Wednesday, November 2, 2011

FACE BOOK MAKES ME FEEL LIKE SHIT :(


I went to an all woman's college in Upstate New York or what I thought was upstate because I got lost the first time visiting and it took me over 2 hours to get there. Anyway, they say women flourish educationally in a same sex classroom environment and that's why I chose my Alma Mater- not because hot local guys flocked to the hill in bus loads to see the new Freshman in town and definitely not because I would meet hot West Point Cadets.

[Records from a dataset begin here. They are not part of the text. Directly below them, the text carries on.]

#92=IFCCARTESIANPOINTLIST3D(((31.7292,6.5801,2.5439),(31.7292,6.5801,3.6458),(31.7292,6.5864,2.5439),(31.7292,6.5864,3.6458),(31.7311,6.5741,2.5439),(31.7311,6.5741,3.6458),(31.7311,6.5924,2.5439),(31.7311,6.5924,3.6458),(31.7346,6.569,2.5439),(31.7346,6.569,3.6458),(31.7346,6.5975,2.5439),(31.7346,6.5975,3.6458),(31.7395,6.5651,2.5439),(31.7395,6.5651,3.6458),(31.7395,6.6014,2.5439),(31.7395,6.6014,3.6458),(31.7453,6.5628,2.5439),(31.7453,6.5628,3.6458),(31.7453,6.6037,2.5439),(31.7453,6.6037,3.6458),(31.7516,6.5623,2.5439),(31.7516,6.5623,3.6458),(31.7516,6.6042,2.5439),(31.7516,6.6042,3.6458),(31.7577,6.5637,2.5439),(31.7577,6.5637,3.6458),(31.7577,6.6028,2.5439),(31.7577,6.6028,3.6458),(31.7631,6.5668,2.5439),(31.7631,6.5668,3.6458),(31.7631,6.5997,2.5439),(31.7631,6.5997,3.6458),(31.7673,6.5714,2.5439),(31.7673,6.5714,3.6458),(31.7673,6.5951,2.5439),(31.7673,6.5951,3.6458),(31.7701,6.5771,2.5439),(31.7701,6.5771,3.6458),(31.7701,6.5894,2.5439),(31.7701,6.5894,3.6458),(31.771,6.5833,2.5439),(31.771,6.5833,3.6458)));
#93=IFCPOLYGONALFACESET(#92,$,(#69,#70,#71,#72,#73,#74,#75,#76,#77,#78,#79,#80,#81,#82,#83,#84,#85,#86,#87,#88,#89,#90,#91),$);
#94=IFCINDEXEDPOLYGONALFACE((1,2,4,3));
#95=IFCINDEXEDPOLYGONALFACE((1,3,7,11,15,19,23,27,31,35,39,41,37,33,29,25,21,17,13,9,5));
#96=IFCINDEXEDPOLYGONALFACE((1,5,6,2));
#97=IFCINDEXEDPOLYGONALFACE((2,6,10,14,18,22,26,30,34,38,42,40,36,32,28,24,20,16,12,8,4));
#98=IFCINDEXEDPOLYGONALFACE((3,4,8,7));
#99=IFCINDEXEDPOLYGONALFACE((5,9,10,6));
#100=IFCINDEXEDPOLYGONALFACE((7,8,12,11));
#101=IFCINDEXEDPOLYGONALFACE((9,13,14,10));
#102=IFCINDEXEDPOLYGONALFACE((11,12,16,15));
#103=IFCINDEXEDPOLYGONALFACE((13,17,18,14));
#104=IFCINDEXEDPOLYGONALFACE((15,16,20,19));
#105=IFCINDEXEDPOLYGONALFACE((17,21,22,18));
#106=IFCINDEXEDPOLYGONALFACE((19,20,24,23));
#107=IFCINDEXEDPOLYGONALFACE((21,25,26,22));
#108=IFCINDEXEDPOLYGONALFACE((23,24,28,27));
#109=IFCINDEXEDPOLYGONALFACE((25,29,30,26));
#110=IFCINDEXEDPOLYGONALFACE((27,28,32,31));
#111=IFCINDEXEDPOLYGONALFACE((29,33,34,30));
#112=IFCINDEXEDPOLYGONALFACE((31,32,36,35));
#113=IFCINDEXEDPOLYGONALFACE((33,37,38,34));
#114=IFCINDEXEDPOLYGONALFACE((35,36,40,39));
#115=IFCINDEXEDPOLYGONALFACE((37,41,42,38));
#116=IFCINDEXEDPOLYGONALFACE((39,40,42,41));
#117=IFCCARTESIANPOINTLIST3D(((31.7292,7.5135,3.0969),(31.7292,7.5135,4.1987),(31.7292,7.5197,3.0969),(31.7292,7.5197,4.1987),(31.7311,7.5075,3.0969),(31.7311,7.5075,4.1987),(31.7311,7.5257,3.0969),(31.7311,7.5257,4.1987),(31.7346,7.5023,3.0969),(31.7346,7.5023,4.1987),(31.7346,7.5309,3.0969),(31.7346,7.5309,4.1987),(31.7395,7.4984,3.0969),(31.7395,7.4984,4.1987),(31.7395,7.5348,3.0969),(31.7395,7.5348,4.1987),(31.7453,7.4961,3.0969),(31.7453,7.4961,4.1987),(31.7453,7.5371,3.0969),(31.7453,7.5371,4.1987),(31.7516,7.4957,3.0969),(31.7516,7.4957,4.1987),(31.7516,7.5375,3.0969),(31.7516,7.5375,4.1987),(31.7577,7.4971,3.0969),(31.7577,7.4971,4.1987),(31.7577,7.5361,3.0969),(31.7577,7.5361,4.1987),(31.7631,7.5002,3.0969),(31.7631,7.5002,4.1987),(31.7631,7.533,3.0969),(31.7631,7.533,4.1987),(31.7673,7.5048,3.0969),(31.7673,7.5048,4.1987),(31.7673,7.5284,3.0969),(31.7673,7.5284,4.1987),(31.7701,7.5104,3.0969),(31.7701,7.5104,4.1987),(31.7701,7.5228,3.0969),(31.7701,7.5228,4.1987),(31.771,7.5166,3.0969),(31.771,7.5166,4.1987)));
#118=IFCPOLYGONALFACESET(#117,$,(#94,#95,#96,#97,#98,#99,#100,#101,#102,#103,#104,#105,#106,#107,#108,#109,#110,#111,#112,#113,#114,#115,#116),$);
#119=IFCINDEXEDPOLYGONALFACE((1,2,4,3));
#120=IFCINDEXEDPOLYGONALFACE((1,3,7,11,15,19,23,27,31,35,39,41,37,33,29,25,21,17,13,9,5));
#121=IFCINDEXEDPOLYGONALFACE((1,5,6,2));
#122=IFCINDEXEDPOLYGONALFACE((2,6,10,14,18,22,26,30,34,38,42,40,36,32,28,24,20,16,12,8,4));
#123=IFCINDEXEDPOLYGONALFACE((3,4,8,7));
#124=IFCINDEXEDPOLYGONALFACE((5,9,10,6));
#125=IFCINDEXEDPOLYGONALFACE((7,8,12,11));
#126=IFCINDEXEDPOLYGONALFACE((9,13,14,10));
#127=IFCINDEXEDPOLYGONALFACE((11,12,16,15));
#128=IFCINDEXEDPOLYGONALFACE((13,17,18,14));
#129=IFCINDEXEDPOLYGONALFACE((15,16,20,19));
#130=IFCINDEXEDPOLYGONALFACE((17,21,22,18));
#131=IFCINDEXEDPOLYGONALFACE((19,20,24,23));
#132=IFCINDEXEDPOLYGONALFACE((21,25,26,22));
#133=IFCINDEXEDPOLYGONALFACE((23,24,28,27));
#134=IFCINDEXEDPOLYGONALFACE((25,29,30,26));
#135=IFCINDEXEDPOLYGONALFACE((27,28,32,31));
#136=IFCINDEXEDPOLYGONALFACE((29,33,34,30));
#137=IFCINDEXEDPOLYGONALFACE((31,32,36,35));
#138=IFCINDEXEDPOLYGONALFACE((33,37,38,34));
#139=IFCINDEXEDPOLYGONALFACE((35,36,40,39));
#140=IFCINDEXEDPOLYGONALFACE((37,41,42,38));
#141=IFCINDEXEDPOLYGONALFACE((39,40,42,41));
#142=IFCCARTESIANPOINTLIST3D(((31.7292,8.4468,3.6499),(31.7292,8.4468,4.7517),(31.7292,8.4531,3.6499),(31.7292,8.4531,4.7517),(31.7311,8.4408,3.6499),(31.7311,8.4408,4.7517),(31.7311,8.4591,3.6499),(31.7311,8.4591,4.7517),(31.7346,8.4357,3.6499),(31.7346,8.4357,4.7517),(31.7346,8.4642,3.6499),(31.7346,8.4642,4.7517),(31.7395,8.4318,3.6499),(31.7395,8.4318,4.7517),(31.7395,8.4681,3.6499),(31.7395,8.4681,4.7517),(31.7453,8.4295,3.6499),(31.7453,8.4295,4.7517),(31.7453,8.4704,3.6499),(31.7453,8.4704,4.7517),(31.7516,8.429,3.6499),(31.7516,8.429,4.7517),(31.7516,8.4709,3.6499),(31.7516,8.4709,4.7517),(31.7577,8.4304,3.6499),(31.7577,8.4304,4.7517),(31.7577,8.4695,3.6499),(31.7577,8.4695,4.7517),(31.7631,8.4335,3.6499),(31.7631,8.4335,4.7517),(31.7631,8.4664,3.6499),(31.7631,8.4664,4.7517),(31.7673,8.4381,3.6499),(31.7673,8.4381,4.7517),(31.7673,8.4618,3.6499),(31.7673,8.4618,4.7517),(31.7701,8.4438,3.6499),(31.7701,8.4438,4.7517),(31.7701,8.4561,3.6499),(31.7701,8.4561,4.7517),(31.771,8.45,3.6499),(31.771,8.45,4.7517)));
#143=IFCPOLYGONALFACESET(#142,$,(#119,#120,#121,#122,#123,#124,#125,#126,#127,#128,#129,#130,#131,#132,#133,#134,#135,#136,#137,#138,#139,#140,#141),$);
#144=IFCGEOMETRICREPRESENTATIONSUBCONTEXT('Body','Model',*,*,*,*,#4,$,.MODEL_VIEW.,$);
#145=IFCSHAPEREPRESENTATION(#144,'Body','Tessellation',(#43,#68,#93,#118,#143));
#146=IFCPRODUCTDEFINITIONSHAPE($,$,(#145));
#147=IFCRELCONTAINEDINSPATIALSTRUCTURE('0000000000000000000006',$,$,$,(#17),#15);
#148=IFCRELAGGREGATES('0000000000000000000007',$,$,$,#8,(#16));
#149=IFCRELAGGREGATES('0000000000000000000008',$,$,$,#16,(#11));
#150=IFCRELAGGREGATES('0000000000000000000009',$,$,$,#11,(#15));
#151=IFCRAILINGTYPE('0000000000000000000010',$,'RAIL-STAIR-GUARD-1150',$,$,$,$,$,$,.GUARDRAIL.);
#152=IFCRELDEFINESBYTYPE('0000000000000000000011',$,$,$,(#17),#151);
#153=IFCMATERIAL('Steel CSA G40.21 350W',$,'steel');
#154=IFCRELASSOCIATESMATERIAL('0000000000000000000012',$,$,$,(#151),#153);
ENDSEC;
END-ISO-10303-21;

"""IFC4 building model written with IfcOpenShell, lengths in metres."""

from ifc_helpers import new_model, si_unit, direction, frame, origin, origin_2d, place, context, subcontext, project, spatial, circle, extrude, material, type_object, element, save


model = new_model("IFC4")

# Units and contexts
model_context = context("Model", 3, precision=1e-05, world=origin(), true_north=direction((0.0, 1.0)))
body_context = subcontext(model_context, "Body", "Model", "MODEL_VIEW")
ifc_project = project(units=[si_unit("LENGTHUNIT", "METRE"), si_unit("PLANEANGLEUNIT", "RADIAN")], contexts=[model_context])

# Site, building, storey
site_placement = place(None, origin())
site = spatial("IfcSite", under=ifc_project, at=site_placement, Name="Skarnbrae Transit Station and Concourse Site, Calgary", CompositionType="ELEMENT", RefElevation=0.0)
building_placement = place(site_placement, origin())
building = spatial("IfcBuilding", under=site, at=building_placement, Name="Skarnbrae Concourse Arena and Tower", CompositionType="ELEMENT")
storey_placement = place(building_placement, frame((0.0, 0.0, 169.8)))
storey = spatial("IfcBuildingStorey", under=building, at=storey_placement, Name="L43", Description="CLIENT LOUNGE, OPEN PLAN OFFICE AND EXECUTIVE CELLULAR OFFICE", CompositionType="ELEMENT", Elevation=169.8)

At this school I spent the most wonderful years of my life; feeling grown up, meeting my future ex-husband (not a West Point Cadet), going through life changing experiences, and meeting wonderful women whom I thought would be in my life the rest of my life.
I had great roommates and floor-mates and did crazy things together. We drank too much together, met guys, fell in love and got each other through break ups. I loved these women as my sisters and had a lot of them in my wedding party.


             
I met my husband-to-be at a local college bar (where else are college students supposed to meet people- am I right?) Anyway, it was a regular love affair where I was loved by his family and he was hated by mine. I guess that you could say that by today's standards it was a short engagement- we were together less than 2 years from the day we started dating to the day we got married. I thought I was happy. Exactly like Kim Kardashian, I got caught up in designing my own dress and making all the preparations, I also donated the 18 million dollars I received to my favorite charity :/
...Anyway, I was so caught up that I didn't notice or really ignored all the comments from my bridesmaids. After the wedding or maybe even during the party I found out that my so called best friend commented on how my marriage wouldn't last very long and other sorts of horrible opinions. I don't know if the rest of them agreed or what happened but after the honeymoon no one came to visit and see my new house. No one met up with me after work for drinks. No one congratulated me when my son was born 2 years later and no one consoled me when I got divorced. I did keep in touch with a couple of the the girls for awhile, Christmas cards every year until those too stopped coming.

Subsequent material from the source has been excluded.